My home town has ~15000 people, is not really famous for anything and there's
no "Mount Cabot Lodge". Mt Cabot is actually ~200mi away. I figure someone
threw a dart at a map of the US and used that to pick the town. I regret not
buying it.

------
mrep
It is a huge business. My mom has sold thousands of dollars worth of clothes
online after she lost weight (just don't ask my dad how much she originally
paid for all of it).

------
Animats
This was tried in the first dot-com boom. It was called Tradeweave. They were
trying to make a market in excess clothing sold off by retailers. That didn't
work out.

This is more like eBay - an army of poor schlubs doing all the work while the
advertising site takes a cut.

------
ManjimUPCYCLING
Yes, all those things are interesting to read and spot on. What I need is 1.
the person to set up the fast fabulous web site, 2. the person to take the
photos, 3. the person to write up the blurbs (could combine 2 and 3) and 4 the
person to keep track, package and post out the items.
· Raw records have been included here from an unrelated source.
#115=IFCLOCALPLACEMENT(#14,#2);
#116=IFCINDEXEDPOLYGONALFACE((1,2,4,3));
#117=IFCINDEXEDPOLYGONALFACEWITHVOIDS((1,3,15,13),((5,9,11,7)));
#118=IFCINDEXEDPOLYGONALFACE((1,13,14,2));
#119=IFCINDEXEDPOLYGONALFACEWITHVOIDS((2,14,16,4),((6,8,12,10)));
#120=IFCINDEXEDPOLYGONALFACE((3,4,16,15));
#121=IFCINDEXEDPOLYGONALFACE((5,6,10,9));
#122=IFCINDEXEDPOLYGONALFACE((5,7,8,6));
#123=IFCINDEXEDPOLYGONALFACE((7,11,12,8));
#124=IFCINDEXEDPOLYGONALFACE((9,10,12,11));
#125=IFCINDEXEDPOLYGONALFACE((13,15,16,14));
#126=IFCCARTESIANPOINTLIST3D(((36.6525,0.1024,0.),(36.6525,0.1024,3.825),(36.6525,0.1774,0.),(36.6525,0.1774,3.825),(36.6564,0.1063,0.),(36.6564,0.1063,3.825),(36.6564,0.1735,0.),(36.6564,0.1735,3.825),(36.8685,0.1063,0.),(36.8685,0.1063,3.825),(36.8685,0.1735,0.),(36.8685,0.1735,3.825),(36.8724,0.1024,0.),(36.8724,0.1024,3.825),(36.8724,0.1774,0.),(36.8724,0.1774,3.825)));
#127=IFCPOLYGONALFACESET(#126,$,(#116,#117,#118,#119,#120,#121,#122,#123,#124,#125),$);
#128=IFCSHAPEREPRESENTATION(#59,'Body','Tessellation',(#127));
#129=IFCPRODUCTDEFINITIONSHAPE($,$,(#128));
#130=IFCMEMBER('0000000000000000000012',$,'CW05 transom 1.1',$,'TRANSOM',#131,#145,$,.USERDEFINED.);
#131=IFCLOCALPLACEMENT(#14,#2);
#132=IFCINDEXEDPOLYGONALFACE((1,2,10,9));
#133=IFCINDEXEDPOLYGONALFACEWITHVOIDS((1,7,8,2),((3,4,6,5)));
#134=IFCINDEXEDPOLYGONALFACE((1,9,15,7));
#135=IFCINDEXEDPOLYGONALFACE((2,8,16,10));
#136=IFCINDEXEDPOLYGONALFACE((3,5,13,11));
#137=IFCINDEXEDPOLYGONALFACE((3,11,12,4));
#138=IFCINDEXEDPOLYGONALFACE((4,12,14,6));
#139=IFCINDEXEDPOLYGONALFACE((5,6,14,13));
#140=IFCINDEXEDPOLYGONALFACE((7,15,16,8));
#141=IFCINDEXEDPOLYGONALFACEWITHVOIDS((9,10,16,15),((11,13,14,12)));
It is all very well to
talk about mom and pop stores, but part of the problem is not necessarily lack
of understanding etc. but lack of time and energy and money to pay for it.
Very hard to combine bricks and mortar and internet in this business without
employing people with enthusiasm and expertise. If you are covering outgoings
in small business today you are doing well. Making money is the next level!

------
ThomPete
[https://www.trendsales.dk/?ref=www.trendsales.com](https://www.trendsales.dk/?ref=www.trendsales.com)
an original Danish fashion blog turned into a marketplace for used fashion
clothes got bought some years back still doing really well and expanding.

------
18nleung
Reminds me of StockX - so-called “Stock Market of Things” that was launched a
few years ago. StockX, however, deals only in unworn/unused sneakers and
streetwear.

------
lerie82
The secret is buying from goodwill and reselling online. It's a great side
hustle and easy.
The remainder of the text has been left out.